Upgrading Indo-US cooperation

There is no doubt that the US would like India to take US core interests into account while taking decisions.
Upgrading Indo-US cooperation
File Photo

Last week, the United States decided to move India from its Strategic Trade Authorization 2 to 1 category. By so doing it eased impediments to the sale of hi-tech defence and civilian space related equipment, products and technologies. This constitutes a significant move to further upgrade Indo-US ties. It provides a positive backdrop to the 2+2 meeting between the two countries which is scheduled to be held in New Delhi on September 6 when External Affairs Minister Sushma Swaraj and Defence Minister Nirmala Sitharaman will together meet their US counterparts Secretary of State Mike Pompeo and Defence Secretary James Mattis. Its importance, however, goes beyond a single engagement for it signals US will to inter alia overcome obstacles that may be put by China in the path of India-US cooperation in technology and defence. As India is not a member of the NSG the US had to make an exception to its rules. Naturally, it is also a US message to India of the its desire to deepen ties. On its part India has to be aware these overtures are also in the context of the developing situation Indo-Pacific region. 

As the US measure is of a technical nature relating to its export control regime a clarification is warranted.

The treaty on the non-proliferation of nuclear weapons (NPT) of 1968 prescribed that only those states that had tested a nuclear device before January 1, 1968 could possess nuclear weapons. Only five countries—US, Soviet Union, Britain, France and China fell in this category. India refused to join the treaty because it was discriminatory and Pakistan did not do so because India did not. India tested nuclear devise in 1974 but did not begin a nuclear weapons programme. The US and its European allies wanted to retard India's nuclear ambitions and so gradually began a technology denial process that developed through the next decades into international regimes. An NPT membership became a pre-requisite to avail of technology especially of a dual nature. This put obstacles for the growth of nuclear, space and defence industries though Indian scientists were in great measure able to overcome them.

By the 1990s four regimes were established to prevent the spread of technologies that could contribute to development of nuclear, chemical or biological weapons. These were the Nuclear Suppliers Group (NSG), Missile Technology Control Regime (MTCR), the Australia Group which focussed on chemicals and biological agents, and the Wassenar Arrangement for conventional weapons. India's nuclear tests of 1998 initially invited sanctions and a tightening of scrutiny by members of all these regimes. However, over the years as India's political and economic clout increased the world powers realised that it would be futile to keep it out of the mainstream of technology and hi-tech product flows. Importantly, India also demonstrated right through the past seven decades and more so since its tests that it was a responsible power both in acquiring hi-tech and in preventing its proliferation.

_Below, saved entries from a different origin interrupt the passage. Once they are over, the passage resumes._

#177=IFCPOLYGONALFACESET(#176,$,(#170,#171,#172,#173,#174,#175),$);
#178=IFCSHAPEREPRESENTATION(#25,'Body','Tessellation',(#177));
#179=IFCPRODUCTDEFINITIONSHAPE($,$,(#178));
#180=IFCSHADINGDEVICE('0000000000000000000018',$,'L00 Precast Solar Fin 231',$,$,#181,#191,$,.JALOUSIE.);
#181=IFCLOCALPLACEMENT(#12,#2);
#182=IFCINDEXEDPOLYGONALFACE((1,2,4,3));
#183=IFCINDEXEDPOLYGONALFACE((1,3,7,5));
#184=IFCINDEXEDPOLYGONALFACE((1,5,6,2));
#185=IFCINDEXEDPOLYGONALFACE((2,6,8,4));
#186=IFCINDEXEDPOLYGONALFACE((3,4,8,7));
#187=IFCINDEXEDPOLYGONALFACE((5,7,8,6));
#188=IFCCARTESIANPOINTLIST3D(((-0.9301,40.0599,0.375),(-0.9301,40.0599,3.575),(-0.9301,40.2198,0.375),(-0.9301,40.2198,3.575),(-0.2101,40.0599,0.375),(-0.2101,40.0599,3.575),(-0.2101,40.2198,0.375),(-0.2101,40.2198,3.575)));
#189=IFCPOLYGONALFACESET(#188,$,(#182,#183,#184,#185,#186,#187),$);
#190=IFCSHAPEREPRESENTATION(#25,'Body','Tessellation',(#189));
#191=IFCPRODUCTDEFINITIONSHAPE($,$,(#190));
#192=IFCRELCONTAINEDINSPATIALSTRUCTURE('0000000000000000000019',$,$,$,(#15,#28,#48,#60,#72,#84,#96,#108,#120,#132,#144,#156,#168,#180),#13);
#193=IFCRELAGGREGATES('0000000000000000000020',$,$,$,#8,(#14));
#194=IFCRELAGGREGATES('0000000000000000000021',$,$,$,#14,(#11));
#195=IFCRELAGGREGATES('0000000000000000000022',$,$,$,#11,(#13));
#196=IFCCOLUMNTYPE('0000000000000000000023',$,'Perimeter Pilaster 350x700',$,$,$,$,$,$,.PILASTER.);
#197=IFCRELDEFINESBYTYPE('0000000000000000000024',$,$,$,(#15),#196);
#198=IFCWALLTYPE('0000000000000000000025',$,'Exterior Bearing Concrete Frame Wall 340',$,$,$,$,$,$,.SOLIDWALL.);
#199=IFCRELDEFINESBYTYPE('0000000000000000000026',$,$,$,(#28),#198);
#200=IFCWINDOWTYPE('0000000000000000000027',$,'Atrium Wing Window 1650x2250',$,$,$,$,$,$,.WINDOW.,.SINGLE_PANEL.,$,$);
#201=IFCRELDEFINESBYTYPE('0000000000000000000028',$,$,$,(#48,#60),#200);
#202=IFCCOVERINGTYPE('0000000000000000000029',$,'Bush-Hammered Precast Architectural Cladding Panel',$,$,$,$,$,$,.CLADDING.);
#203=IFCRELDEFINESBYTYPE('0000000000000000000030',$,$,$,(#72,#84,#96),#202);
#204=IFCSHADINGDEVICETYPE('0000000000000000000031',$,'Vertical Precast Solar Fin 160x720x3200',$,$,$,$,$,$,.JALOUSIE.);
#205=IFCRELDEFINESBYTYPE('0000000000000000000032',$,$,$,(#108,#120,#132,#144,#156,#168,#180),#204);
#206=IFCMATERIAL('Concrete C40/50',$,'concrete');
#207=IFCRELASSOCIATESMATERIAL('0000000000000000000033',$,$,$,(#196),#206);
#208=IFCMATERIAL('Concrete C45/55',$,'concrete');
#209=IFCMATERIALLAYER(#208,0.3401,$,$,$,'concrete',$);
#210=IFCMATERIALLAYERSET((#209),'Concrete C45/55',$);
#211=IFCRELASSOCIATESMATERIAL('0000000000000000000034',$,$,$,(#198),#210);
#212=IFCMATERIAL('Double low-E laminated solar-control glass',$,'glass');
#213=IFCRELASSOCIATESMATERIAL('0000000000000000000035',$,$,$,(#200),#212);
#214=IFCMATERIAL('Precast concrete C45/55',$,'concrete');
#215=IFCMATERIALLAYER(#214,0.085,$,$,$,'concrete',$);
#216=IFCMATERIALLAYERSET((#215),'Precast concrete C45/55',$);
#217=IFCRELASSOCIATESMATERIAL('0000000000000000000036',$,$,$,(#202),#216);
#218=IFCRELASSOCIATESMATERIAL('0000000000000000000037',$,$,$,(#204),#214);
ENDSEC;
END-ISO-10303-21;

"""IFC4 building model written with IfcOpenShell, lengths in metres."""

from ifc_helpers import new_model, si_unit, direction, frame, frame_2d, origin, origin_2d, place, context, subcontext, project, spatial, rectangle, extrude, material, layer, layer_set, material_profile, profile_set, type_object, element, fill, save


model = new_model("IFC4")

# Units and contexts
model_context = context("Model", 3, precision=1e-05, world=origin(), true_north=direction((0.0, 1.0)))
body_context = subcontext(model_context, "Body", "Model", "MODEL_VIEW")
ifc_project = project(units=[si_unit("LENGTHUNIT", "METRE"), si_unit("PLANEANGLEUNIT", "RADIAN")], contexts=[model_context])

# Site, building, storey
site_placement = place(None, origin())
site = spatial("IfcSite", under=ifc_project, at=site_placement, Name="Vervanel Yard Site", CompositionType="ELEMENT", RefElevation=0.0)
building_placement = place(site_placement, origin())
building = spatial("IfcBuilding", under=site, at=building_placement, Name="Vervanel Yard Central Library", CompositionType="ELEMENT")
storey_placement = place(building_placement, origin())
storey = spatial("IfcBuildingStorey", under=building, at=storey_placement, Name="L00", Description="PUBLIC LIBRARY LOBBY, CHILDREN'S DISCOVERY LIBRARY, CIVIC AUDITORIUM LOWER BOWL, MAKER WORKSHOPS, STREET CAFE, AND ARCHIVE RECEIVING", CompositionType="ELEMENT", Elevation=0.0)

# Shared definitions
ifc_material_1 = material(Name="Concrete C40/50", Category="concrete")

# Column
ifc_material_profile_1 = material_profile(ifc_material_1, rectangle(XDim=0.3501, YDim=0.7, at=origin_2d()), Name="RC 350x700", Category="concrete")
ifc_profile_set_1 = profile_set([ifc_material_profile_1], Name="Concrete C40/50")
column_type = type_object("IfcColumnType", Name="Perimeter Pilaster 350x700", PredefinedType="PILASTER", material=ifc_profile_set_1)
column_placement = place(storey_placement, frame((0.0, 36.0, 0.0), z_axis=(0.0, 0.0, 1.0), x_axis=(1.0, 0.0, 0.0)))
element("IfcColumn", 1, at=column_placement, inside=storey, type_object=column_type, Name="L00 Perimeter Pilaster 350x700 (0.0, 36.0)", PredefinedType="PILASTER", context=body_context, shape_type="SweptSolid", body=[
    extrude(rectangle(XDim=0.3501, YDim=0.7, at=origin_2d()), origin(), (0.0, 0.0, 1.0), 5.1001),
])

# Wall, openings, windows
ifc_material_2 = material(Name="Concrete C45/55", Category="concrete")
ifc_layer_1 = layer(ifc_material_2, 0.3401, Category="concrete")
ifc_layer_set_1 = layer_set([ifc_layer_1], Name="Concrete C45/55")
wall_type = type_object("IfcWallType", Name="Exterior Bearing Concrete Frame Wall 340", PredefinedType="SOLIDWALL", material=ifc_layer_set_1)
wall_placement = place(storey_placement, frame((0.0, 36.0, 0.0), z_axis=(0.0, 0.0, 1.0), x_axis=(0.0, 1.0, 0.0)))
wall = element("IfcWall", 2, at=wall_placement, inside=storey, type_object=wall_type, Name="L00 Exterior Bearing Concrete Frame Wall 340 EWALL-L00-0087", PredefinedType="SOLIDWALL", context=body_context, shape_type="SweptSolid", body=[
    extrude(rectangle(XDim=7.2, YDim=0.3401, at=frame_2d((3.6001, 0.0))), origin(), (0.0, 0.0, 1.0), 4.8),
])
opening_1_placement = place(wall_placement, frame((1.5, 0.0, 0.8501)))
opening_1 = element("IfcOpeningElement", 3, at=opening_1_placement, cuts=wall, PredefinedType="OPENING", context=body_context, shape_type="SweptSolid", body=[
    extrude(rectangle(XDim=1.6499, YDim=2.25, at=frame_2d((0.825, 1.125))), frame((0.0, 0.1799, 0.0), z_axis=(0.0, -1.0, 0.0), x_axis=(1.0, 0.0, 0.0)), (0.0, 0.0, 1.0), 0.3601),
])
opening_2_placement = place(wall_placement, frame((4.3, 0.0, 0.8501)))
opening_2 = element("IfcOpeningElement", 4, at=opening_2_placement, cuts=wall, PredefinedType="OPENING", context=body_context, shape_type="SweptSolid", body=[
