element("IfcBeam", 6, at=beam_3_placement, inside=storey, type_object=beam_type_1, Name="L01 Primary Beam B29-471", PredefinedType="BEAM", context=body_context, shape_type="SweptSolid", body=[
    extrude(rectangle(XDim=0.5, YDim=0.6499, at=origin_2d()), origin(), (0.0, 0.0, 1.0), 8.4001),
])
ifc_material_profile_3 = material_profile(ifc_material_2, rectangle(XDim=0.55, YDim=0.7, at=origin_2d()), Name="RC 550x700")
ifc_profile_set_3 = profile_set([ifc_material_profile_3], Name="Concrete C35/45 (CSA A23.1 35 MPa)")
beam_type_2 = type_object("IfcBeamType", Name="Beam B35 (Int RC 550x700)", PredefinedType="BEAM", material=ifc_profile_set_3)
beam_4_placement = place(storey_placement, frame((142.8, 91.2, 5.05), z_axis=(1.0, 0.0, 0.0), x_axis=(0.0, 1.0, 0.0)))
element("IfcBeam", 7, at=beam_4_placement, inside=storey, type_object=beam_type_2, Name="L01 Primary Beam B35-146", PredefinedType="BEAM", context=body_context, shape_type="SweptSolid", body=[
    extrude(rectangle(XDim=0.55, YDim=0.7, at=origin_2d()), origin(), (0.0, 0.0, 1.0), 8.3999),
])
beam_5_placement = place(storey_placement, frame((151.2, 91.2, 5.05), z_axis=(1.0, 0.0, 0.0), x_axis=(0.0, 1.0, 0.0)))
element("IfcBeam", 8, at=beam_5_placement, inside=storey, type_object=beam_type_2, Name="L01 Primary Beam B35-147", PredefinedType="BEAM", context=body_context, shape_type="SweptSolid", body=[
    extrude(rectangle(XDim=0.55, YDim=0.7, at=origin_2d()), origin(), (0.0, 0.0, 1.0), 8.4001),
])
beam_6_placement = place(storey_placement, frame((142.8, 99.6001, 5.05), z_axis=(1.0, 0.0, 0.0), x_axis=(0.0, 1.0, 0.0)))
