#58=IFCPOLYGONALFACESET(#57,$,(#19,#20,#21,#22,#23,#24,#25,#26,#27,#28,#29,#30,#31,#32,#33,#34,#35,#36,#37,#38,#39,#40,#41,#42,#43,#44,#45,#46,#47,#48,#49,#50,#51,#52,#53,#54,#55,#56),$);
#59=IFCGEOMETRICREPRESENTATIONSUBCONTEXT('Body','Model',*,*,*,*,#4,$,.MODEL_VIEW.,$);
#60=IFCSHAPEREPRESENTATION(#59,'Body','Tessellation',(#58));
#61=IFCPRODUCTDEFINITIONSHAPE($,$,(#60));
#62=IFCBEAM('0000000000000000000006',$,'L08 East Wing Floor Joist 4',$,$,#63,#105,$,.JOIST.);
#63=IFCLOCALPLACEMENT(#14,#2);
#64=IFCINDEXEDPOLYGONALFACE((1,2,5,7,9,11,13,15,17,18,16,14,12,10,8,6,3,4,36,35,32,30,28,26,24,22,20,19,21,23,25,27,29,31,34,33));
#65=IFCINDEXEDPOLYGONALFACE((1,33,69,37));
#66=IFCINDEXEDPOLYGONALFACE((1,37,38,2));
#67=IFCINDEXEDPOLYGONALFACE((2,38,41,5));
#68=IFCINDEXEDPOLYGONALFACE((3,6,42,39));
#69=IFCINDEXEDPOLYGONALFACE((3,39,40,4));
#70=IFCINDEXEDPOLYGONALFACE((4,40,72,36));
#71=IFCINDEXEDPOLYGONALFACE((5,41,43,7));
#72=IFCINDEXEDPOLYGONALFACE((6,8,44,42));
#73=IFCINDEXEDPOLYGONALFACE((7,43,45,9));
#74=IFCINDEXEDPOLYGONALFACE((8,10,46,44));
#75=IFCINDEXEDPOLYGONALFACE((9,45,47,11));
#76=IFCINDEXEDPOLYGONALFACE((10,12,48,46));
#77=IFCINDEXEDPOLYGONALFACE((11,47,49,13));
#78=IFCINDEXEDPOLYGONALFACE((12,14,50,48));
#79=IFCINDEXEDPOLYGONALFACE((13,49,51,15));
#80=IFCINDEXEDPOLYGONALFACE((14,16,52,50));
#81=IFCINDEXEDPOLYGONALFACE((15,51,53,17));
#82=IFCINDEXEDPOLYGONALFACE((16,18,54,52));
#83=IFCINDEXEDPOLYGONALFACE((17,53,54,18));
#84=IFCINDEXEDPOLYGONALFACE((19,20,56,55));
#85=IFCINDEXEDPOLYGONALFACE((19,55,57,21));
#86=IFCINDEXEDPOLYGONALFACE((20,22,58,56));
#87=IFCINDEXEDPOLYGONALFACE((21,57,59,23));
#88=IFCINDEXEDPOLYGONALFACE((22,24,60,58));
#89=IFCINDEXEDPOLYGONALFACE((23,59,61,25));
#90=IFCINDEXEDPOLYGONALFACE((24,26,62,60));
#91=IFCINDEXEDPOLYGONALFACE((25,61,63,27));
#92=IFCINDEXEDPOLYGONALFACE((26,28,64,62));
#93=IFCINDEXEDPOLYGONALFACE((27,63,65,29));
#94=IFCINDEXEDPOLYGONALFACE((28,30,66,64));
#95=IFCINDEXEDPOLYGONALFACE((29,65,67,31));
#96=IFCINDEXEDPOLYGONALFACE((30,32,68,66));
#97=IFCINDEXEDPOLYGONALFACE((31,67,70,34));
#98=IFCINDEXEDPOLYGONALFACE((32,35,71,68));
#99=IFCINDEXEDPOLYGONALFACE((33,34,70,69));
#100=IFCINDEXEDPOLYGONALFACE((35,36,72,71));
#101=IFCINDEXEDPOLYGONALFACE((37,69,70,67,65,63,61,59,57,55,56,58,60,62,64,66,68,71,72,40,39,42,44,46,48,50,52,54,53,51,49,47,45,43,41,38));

Thus, over the past two years India has become a member of MTCR, the Wassenar Arrangement and the Australia group. Member countries of these regimes made exceptions for India where required. In these regimes China is not a member. The NSG is a different matter for China, a member of the NSG, is opposed to India for it has not signed the NPT. China also wants that if an exception is made for India it should apply to Pakistan too. However, Pakistan's track record both in the manner it acquired nuclear technology and proliferated through the A Q Khan network prevents NSG members from making an exception in its case. Thus, India's NSG membership is unlikely to come through early but the US through its recent step has conveyed that that bilateral hi-tech cooperation will take place even though India is not still a member of the NSG. Earlier the group had made an exception for India to permit the Indo-US nuclear deal to take place. That exception has permitted India's continuing civil nuclear cooperation with many countries.

Technology flows from outside should not make India complacent. There is no substitute for becoming a producer of hi-tech. The lessons of India's subjugation to colonialism demand a full and determined national focus both in the government and in the private sector for this high task. Sadly, as matters stand there is insufficient action on this front. The make-in-India programme cannot be limited to manufacturing alone; it will achieve its purpose if what is made is based on Indian technology and processes. And this is while China marches ahead in its hi-tech quest.

There is no altruism in international relations. Countries act to safeguard and promote national interests. There is no doubt that the US would like India to take US core interests into account while taking decisions. On its part there is no way that India can give up its strategic autonomy. Prime Minister Narendra Modi's approaches to Russia and China amply indicate his commitment to maintain it. Hence, India has to search for areas where Indian and US interest coincide and seek to undertake diplomatic navigation where they do not. A number of bilateral, regional and global issues will now need skilful handling. Among these are purchases of defence systems from countries other than the US, trade, Iran, among others. Ultimately, if the US does not show understanding difficulties may arise but they will have to be taken in the stride for a compromise of strategic autonomy will damage India.